1. Faculté d'Architecture La Cambre Horta
  2. Accueil
  3. Actualités

Postdoctorat | Eric Crevels - The Constellations of Craft in Architectural Production: Understanding Labour and Collaboration in the works of Victor Horta [Hortence]

Publié le 30 avril 2026 Mis à jour le 30 avril 2026

Eric Crevels entame un postdoctorat dans le laboratoire Hortence sous la direction de Pauline Lefebvre. Il sera financé par l’ULB pendant un an à partir de mai 2026 suite à l'excellent score qu’il a obtenu pour sa candidature à la bourse MSCA avec son projet intitulé "The Constellations of Craft in Architectural Production: Understanding Labour and Collaboration in the works of Victor Horta”.

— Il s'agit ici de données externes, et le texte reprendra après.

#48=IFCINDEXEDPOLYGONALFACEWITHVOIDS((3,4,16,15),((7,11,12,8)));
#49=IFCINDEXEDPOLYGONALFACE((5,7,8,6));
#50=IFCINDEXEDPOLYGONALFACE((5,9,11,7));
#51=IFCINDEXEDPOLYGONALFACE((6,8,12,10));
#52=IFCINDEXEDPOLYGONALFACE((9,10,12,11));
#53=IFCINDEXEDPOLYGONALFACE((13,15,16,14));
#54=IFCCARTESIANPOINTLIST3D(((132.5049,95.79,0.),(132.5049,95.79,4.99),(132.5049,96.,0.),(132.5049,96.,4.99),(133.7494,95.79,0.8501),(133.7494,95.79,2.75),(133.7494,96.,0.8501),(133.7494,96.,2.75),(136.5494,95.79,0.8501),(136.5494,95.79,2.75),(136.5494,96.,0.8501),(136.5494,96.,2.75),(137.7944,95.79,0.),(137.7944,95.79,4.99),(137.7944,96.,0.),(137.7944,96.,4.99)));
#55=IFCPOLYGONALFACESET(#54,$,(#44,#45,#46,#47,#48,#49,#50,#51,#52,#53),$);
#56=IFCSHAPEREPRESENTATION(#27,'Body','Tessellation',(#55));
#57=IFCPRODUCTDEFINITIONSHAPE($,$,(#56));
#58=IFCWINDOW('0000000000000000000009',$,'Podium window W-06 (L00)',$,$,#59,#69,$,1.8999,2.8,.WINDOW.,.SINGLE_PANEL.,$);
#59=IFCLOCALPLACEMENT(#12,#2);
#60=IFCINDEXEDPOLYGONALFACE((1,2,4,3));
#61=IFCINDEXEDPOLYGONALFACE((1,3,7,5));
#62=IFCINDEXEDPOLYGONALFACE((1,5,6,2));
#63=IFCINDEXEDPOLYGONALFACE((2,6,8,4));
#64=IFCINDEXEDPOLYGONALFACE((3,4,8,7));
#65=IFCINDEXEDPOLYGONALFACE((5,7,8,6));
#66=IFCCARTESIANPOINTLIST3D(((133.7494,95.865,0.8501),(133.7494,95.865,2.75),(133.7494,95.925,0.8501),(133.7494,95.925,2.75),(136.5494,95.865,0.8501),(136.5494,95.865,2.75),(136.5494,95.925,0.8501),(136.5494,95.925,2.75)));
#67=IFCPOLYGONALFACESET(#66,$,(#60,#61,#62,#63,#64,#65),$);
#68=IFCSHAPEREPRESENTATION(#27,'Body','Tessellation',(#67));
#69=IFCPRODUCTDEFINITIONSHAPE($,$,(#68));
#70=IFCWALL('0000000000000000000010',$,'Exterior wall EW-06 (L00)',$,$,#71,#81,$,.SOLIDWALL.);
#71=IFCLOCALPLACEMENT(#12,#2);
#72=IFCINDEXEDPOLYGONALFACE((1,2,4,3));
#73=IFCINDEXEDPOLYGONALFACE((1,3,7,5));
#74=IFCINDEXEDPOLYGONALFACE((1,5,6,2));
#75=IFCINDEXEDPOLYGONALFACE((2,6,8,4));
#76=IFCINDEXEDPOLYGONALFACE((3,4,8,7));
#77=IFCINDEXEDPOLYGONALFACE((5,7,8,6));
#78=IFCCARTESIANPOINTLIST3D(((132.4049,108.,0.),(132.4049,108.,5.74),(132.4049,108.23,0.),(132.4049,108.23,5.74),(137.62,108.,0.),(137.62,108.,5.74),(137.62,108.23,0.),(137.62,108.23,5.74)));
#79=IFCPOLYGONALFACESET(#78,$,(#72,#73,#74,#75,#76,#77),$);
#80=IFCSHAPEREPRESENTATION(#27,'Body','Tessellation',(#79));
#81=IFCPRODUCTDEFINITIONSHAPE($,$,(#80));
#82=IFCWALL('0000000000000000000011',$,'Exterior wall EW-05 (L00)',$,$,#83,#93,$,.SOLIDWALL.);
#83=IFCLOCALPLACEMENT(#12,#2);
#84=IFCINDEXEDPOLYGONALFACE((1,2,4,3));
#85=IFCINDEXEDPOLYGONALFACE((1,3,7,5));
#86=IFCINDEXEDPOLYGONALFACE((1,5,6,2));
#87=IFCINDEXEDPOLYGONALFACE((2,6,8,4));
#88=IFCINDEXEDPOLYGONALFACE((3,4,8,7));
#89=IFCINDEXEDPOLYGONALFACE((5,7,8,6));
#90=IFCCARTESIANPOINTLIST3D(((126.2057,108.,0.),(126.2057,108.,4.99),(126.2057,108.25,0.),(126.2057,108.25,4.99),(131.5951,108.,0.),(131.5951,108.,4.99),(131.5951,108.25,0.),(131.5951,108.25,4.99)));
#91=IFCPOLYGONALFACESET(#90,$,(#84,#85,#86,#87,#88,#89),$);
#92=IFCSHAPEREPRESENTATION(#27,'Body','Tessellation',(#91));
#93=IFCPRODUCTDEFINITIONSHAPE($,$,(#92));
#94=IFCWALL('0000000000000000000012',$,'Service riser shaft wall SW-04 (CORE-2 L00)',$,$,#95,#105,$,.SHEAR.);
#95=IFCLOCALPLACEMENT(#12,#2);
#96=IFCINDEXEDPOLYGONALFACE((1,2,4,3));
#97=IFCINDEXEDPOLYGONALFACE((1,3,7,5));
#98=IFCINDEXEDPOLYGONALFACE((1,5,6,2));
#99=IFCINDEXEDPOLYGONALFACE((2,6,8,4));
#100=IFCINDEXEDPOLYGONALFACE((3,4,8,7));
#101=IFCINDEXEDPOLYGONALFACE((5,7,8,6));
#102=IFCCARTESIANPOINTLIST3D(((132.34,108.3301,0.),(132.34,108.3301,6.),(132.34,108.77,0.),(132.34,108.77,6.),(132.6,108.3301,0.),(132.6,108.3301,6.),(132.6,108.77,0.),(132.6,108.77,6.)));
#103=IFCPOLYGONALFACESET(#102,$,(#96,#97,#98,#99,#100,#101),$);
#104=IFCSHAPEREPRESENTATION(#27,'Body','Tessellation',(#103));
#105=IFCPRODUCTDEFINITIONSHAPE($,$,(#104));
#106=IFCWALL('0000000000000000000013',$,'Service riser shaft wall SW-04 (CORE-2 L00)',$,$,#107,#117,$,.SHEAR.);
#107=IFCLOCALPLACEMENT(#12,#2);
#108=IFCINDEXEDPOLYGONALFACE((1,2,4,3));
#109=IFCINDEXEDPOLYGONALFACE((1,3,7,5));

The project Constellations of Craft (CoC) seeks to offer a new perspective for archival studies in architecture. Its main objective is to identify the agencies of builders and craftspeople working in the construction of the buildings design by Belgian Architect Victor Horta, through a careful analysis of documents often overlooked in historical architectural research. The project tackles the absence of the workforce’s voice in architectural history and archive, contributing to a more comprehensive historiography and the development of more inclusive archival policies. Victor Horta was one of Art Nouveau’s main contributors, and his production reflected the period’s rationale, combining new technological developments with complex handmade ornamentation. Precise accounts of how this unique blend was materialised, however, remain largely untold, and most of its agents, unknown. Traditionally, architectural discourse has almost exclusively focused on the practice of architects, excluding from historical accounts the knowledge and the work of other agents active in its construction, especially builders, craftspeople and other holders of tacit, embodied knowledge. This invisibility is translated in the collection of architectural archives, whose policies prioritise the acquisition of documents made by architects, such as technical drawings and sketches. Still, some traces of their labour make their way into architectural archives, embedded inbuilding logs, contracts, ledgers, correspondence and similar documents. While rarely explored in architectural historiography —and often discarded by many architectural archives— this form of secondary material can be used to probe into the labour relations and the artisanal processes in the construction site. The projects proposes an in-depth analysis of this material, piecing together different fragments of worker agency into a renewed history of Victor Horta’s architecture, written from the perspective of the construction site.